We are disappointed to find that many folks in the blockchain space have strayed from OG crypto values, as some may call them, cypherpunk. There exists enthusiasm over traditional financial products acting as buyers of last resort. Simultaneously, there is excitement over early developments in tokenizing “real world assets (RWAs)” as a result of a Larry Fink (Black Rock CEO) clip distributed far and wide by the twitter algorithm. In the community, there is general enthusiasm from influencers towards on-boarding tradfi onto “crypto rails”.

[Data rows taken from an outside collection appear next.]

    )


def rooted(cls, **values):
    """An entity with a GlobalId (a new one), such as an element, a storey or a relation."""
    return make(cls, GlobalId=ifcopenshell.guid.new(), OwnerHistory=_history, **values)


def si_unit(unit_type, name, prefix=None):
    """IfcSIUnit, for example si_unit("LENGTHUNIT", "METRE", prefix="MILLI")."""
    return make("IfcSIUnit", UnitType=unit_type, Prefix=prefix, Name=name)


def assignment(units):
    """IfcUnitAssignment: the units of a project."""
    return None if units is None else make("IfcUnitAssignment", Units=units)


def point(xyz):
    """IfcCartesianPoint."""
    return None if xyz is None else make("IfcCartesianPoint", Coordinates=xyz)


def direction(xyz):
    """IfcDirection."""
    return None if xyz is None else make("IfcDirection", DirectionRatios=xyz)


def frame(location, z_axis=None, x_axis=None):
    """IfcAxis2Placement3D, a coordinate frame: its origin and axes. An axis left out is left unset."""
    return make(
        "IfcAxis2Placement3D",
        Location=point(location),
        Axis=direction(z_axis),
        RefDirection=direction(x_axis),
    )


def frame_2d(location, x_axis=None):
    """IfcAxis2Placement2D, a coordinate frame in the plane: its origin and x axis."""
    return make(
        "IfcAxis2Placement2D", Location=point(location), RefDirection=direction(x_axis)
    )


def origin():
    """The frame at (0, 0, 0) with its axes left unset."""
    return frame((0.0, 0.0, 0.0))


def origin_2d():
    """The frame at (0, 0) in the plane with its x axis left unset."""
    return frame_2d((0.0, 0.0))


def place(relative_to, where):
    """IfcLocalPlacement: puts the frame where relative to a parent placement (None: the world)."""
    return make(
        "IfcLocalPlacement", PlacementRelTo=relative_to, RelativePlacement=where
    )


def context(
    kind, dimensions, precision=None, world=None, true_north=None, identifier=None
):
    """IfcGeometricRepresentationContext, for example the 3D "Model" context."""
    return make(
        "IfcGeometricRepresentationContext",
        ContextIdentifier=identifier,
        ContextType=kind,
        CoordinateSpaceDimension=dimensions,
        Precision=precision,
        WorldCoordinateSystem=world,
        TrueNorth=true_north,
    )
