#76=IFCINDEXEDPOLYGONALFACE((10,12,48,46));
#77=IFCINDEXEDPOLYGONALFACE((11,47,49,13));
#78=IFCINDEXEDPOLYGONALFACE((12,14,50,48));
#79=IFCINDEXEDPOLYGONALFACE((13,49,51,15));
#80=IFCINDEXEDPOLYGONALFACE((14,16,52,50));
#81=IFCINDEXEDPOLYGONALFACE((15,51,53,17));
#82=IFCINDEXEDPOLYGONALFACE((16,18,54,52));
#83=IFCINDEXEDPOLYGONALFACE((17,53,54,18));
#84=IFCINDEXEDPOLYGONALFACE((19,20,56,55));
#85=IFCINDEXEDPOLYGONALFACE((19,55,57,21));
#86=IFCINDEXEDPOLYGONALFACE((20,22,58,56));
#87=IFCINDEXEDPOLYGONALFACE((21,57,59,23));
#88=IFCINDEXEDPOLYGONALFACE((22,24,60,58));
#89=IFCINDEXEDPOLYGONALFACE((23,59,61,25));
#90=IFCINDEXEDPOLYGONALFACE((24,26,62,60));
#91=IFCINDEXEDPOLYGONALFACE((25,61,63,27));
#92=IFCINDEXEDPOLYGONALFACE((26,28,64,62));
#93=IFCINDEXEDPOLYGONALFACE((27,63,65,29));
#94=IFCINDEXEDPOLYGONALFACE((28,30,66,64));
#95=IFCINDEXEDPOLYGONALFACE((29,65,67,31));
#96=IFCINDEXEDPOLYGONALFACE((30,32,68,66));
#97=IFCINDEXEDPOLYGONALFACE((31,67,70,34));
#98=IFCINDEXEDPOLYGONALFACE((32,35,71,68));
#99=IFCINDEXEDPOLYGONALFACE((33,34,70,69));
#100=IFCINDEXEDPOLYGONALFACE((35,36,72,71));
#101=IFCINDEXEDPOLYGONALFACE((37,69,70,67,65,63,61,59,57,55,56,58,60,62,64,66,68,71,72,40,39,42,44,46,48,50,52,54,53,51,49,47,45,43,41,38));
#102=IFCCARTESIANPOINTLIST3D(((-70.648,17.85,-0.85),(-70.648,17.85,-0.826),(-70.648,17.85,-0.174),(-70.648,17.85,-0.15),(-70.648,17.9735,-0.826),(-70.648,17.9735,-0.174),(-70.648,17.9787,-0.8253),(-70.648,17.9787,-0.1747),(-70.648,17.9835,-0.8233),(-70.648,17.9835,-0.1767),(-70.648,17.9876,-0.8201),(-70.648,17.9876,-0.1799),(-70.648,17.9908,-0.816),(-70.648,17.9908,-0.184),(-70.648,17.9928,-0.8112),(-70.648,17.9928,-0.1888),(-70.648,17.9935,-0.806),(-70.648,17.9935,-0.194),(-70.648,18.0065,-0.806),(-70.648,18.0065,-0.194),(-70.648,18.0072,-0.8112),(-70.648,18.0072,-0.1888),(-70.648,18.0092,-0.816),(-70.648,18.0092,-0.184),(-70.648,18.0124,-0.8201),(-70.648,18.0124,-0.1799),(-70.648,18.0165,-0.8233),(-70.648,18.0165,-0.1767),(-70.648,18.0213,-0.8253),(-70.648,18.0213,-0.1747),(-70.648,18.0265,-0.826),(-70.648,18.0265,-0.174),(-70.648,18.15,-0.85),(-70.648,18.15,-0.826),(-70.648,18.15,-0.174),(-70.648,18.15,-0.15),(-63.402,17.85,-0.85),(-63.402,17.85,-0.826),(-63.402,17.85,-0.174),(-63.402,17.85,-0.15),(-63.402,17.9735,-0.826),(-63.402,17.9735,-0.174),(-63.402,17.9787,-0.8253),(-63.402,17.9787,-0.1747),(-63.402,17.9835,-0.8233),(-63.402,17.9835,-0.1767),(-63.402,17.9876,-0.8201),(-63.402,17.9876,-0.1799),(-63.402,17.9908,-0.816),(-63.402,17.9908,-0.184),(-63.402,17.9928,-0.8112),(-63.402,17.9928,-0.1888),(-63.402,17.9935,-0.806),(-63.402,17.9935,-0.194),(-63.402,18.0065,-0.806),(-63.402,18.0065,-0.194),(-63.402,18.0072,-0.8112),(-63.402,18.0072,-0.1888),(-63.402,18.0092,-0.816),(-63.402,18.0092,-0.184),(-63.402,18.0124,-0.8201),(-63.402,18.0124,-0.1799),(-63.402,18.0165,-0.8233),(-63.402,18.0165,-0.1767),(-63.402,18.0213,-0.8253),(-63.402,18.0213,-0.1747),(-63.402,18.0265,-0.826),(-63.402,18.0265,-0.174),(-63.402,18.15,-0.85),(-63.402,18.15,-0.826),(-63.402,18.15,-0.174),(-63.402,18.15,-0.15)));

In our experience, we have never, except for naively very early on in my personal journey, viewed this as a reality. There are two reasons. First, having worked with folks and known folks in traditional finance including doing a good deal of reading, it is clear that regulatory compliance and information security are two important considerations that follow profitability mandates for traditional financial institutions. Therefore, we find it unlikely that traditional financial firms will be open to interface with public blockchains without adhering to various KYC/AML standards, particularly in the United States (regulation by enforcement) and European Union (MICA-2). This will require some type of concession from users and operators. Even the Private Pools paper by prominent crypto natives eluded to this inevitable outcome. Recently, Multicoin wrote an article that said, “I find it hard to think DeFi can grow another 10x without KYC standards”.

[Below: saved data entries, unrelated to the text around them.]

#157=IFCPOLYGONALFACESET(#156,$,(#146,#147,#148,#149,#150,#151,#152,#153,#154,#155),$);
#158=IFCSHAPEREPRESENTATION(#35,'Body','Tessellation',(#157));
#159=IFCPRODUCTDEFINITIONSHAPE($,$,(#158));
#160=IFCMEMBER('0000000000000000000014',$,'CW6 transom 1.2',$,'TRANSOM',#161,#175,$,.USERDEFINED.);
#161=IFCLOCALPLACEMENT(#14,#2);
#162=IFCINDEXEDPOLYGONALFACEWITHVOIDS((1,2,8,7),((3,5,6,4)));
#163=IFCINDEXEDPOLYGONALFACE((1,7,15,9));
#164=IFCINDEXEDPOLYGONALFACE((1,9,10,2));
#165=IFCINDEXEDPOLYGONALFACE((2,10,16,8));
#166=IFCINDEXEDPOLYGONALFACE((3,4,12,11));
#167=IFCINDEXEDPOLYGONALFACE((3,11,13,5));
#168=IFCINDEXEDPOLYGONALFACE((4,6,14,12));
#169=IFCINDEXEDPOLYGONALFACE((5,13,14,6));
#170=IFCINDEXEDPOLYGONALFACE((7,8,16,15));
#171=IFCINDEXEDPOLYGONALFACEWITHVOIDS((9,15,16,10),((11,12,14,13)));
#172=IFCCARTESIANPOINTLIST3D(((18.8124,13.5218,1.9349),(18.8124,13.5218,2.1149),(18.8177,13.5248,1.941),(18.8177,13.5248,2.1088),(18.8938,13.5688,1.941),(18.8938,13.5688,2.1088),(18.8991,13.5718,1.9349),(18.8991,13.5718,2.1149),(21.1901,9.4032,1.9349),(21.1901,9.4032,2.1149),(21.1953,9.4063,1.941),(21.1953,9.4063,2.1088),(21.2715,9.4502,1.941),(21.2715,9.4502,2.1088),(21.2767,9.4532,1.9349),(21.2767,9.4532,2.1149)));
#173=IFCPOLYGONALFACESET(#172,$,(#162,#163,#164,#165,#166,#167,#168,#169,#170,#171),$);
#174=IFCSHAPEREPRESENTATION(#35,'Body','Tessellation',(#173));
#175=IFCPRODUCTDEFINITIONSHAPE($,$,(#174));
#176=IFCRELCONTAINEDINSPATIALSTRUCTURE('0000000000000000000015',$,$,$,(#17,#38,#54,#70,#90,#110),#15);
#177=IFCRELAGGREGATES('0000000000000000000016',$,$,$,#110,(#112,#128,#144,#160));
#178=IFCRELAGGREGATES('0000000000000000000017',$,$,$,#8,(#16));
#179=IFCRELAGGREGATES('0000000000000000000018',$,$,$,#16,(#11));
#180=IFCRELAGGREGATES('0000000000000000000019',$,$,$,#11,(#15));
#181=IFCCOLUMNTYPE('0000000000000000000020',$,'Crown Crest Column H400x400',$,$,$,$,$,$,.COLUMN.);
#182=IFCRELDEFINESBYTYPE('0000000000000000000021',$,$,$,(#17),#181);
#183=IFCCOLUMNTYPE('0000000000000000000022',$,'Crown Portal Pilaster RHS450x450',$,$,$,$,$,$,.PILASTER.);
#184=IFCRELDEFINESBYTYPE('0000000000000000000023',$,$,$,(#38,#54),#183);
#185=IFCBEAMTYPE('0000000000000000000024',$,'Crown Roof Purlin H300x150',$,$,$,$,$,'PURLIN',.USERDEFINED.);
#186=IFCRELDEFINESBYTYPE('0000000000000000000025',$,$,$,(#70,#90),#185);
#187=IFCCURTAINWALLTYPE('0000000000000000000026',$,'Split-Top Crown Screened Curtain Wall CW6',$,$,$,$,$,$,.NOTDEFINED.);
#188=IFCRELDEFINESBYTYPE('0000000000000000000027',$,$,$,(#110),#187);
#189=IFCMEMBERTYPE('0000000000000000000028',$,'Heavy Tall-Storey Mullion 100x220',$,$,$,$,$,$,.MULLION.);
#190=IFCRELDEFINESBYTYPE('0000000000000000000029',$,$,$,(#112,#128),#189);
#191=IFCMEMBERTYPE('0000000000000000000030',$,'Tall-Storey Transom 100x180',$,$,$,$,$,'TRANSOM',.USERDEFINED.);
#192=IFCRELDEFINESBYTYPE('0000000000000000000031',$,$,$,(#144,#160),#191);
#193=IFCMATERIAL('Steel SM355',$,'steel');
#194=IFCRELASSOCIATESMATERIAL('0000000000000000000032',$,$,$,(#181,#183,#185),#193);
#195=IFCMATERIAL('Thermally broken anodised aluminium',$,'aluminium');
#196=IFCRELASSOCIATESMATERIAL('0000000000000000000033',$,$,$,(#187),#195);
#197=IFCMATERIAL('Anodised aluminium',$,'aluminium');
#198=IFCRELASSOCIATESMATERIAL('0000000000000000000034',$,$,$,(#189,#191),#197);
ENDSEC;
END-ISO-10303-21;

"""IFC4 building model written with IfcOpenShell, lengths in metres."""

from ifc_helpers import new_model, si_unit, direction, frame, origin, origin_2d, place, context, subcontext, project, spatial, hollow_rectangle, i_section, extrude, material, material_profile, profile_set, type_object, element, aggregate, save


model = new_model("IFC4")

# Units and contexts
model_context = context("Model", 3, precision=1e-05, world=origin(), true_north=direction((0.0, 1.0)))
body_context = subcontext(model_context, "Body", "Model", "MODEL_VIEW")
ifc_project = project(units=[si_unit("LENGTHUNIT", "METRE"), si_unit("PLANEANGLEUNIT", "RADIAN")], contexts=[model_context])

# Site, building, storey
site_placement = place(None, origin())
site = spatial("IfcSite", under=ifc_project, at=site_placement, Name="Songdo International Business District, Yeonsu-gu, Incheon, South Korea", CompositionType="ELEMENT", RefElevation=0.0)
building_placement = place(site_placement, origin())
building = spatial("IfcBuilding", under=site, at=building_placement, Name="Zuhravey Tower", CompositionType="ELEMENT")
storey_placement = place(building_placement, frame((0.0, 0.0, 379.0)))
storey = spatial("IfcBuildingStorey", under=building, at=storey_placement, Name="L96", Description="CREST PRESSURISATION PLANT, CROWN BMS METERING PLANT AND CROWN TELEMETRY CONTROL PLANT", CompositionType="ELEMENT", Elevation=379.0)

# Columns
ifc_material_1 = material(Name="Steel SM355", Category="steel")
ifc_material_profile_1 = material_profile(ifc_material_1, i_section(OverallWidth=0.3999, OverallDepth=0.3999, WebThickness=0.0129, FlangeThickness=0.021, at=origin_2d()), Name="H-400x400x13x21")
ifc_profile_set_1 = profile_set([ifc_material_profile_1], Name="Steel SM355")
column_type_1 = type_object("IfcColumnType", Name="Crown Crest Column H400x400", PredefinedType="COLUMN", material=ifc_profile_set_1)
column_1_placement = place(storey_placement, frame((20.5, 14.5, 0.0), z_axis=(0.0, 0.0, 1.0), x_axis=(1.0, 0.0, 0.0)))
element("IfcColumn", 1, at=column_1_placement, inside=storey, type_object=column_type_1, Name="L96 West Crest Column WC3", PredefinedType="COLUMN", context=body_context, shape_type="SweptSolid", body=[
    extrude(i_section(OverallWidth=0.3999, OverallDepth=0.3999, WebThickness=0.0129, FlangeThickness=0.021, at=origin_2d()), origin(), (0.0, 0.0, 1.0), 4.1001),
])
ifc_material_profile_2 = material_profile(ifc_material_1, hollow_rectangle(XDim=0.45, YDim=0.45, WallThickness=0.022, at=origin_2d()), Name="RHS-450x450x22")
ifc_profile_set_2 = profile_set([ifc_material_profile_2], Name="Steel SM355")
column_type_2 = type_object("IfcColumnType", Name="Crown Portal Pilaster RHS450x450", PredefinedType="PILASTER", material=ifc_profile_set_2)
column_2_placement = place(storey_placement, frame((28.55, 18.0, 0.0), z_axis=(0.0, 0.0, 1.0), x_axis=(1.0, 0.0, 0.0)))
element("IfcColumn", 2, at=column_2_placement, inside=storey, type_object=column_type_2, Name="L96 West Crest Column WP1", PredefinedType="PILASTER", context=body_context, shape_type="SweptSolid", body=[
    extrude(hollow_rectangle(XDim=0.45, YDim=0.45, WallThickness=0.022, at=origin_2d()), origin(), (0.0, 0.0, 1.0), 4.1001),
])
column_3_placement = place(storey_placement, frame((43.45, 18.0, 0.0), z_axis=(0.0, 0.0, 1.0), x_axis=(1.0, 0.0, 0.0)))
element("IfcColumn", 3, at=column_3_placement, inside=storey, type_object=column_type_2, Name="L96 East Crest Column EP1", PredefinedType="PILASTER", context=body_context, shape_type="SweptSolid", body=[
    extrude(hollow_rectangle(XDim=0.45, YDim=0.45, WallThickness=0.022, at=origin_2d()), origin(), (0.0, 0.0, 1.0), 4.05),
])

We do not think it is worth the trade-off of building systems that are supposed to be permissionless – censorship resistant bulletin boards that anyone can read from or write to - if the outcome is to reinvent existing financial infrastructure. These public bulletin boards provide a strong layer of coordination, trust, and economic security with which applications can access to be built on top of. This economic security can be mesh or collaborative, it need not come from one coin alone. This means application developers can build applications for autonomous communities who can collectively organize themselves without requiring any type of state level permissions. It is critically important to preserve the values of permissionless innovation, censorship resistant money, and autonomous coordination.

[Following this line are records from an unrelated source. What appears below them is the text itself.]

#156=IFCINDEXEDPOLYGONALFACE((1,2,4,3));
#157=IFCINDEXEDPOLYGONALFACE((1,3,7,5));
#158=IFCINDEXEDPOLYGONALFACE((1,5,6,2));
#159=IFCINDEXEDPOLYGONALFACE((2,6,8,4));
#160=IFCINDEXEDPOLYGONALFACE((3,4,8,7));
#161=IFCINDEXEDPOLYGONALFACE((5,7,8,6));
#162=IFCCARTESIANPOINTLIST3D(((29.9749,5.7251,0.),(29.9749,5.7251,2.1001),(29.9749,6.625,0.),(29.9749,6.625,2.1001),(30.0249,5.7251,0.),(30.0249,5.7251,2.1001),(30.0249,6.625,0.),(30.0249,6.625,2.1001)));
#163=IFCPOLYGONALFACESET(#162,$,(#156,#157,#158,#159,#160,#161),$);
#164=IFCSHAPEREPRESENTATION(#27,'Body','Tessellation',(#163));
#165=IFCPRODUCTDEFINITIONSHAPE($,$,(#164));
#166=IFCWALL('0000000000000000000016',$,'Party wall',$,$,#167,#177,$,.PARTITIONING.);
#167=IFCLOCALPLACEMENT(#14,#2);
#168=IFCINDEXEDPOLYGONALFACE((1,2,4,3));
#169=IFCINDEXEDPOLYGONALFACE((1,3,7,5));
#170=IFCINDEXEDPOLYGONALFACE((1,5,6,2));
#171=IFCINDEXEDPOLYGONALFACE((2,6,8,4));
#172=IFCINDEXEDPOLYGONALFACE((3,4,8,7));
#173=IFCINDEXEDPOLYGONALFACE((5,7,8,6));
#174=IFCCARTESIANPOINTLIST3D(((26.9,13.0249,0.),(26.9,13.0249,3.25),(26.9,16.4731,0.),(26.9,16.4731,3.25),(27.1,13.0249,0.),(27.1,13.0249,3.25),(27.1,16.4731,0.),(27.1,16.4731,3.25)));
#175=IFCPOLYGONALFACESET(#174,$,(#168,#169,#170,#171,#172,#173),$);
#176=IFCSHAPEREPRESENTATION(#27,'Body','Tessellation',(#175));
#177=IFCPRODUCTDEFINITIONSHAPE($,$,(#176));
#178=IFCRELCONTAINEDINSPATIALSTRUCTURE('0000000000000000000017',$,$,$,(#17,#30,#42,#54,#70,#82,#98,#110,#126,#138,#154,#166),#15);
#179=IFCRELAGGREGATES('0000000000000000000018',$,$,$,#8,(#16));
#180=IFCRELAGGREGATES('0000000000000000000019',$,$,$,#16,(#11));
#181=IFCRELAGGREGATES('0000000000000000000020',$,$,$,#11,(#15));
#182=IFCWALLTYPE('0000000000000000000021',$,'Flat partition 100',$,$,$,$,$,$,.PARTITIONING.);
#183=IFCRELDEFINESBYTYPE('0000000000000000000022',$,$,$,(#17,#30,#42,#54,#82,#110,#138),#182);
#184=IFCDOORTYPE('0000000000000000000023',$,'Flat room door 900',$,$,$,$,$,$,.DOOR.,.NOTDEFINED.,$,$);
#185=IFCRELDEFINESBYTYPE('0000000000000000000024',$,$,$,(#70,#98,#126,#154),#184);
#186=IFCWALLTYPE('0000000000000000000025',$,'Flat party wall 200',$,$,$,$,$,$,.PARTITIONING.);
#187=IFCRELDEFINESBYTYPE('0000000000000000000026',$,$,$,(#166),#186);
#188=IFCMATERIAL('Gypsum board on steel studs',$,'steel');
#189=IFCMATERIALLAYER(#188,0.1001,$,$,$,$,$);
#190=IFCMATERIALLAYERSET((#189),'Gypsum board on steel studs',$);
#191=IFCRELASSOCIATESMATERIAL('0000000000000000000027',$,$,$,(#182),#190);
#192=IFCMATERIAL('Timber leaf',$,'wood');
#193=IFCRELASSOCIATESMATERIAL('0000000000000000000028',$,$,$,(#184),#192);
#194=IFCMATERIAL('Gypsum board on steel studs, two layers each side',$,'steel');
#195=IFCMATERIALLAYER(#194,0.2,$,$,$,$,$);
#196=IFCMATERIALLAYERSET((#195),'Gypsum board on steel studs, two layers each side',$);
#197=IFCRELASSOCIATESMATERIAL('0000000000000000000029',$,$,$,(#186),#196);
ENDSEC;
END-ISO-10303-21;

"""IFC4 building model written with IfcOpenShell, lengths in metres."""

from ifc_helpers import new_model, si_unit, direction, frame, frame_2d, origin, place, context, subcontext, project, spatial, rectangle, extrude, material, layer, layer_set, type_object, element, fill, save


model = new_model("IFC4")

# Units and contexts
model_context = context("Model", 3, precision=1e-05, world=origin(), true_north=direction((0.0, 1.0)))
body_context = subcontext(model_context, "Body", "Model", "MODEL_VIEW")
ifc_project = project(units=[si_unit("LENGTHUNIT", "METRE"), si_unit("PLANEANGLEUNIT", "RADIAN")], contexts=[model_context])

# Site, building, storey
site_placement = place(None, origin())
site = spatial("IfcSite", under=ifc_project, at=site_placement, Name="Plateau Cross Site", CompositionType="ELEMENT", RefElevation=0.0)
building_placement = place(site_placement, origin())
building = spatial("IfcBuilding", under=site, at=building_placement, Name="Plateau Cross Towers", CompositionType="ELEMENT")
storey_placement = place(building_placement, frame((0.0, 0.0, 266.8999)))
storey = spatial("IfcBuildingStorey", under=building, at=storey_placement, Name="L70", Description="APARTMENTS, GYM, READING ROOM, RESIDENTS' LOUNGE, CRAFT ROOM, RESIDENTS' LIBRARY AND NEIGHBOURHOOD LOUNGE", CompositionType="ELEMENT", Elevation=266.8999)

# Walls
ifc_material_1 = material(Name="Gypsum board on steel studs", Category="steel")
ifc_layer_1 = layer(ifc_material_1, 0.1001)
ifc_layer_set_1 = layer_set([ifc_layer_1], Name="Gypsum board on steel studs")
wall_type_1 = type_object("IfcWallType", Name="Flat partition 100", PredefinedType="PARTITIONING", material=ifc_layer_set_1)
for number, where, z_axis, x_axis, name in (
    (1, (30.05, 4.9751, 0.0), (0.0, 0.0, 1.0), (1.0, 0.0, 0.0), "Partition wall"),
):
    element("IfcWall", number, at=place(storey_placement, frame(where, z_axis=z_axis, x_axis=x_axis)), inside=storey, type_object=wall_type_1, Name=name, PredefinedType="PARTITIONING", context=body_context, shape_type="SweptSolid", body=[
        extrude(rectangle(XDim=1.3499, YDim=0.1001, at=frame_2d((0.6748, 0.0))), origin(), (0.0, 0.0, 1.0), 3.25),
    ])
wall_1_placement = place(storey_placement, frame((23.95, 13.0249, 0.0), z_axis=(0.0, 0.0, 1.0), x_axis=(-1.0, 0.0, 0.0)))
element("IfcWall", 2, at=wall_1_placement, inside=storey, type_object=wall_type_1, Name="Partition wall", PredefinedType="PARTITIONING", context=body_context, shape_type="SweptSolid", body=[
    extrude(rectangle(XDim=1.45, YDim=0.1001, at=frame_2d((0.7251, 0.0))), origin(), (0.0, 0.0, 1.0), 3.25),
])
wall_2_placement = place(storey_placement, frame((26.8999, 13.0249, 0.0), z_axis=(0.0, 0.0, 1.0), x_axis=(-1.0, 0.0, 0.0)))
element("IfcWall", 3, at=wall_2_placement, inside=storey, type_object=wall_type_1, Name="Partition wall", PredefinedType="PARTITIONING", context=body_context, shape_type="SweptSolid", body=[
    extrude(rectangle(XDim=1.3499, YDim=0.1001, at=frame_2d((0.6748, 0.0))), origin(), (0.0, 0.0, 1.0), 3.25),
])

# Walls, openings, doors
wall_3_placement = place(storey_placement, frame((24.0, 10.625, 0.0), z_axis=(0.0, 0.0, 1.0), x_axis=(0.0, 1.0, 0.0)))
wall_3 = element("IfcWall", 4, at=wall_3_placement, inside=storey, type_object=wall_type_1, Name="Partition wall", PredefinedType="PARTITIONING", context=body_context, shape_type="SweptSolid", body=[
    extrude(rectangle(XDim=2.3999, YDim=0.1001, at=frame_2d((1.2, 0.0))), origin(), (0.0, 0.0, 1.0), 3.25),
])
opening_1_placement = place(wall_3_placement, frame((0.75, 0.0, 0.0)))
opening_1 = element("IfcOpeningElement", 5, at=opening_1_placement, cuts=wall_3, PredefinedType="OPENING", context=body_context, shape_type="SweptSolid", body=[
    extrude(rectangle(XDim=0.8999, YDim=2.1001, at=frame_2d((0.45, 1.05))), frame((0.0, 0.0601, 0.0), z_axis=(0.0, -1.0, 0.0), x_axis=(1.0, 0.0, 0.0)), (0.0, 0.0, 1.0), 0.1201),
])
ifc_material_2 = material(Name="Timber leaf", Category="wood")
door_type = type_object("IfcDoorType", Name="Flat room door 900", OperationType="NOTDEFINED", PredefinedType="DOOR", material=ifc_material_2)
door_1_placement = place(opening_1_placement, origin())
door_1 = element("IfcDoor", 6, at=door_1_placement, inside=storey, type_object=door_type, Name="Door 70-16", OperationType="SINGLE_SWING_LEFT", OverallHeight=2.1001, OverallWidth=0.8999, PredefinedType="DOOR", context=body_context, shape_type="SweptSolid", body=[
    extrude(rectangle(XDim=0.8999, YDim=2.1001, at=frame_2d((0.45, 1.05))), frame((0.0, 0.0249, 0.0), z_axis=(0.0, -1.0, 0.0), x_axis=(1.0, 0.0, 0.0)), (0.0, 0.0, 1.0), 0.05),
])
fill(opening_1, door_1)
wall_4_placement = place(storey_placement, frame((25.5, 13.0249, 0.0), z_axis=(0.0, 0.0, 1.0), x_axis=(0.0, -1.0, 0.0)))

Second, being students of previous financial crises including living through three – dot com/911, CDO/MBS, COVID — its pretty clear to us that many corporations including financial organizations in particular are poorly managed. The traditional financial institutions often have excess exposure to leveraged products purchased by their traders through various swap agreements, the risks are not well understood internally. One could point to any number of unethical behaviors (spending $20,000 per day on flowers for the executive suite) and stupidity/criminality (rating junk bonds as AAA ) uncovered during these periods of turmoil. The track record of these traditional financial institutions is less than stellar its despicable. In fact these institutions collectively lost more money in 2008 than they made in profits in their entire combined histories of operation. Yet we here calls to invite these folks on chain.

Finally, we don’t think when Vitalik wrote his recent article “Make Ethereum cypherpunk again” he was talking about on-boarding “bank chains”. We don’t think Satoshi was applauding bankers when he wrote this message in the genesis Bitcoin block.


>The Times
>03/Jan/2009
>Chancellor
>on brink
>of second bailout
>for banks

Yet, many are pushing for a reality in which traditional financial firms wind up owning the valuable land. Once the bankers have everything they want, they will attempt to reset the rules and eject the natives out. Of course, arguably the most important feature of blockchains is the right to fork. Indeed, its likely that as natives and institutions brush shoulders there could be a very contentious fall out. We think the industry or ecosystem as a whole is dangerously naive about making a Faustian bargain with traditional finance.

Meanwhile, in 7-10 years the user experience for intents, real-time ZK proving / verification, custom application interfaces, and smart personal assistants will make self custody and UX features of crypto, not bugs. In this world, we don’t need the traditional financial players because we on board people through word of mouth and teaching along with some meme-coin trading, prediction markets, and novel applications. We remain optimistic but it is notably frustrating to see folks that claim to have OG values stray so far from them when a whiff of money shows up.

It’s not lost on us that the universe is observer-dependent and there is something called moral relativism. Perhaps we are simply mistaking something, the genesis Bitcoin block, as a Schelling point of values, which it is not. Crypto is a big tent now that means various things to different people. Diversity in beliefs is important for a richer understanding and contextual clarity of our world. That said, we still think this is an important topic to discuss in public because the future of this ecosystem is at stake.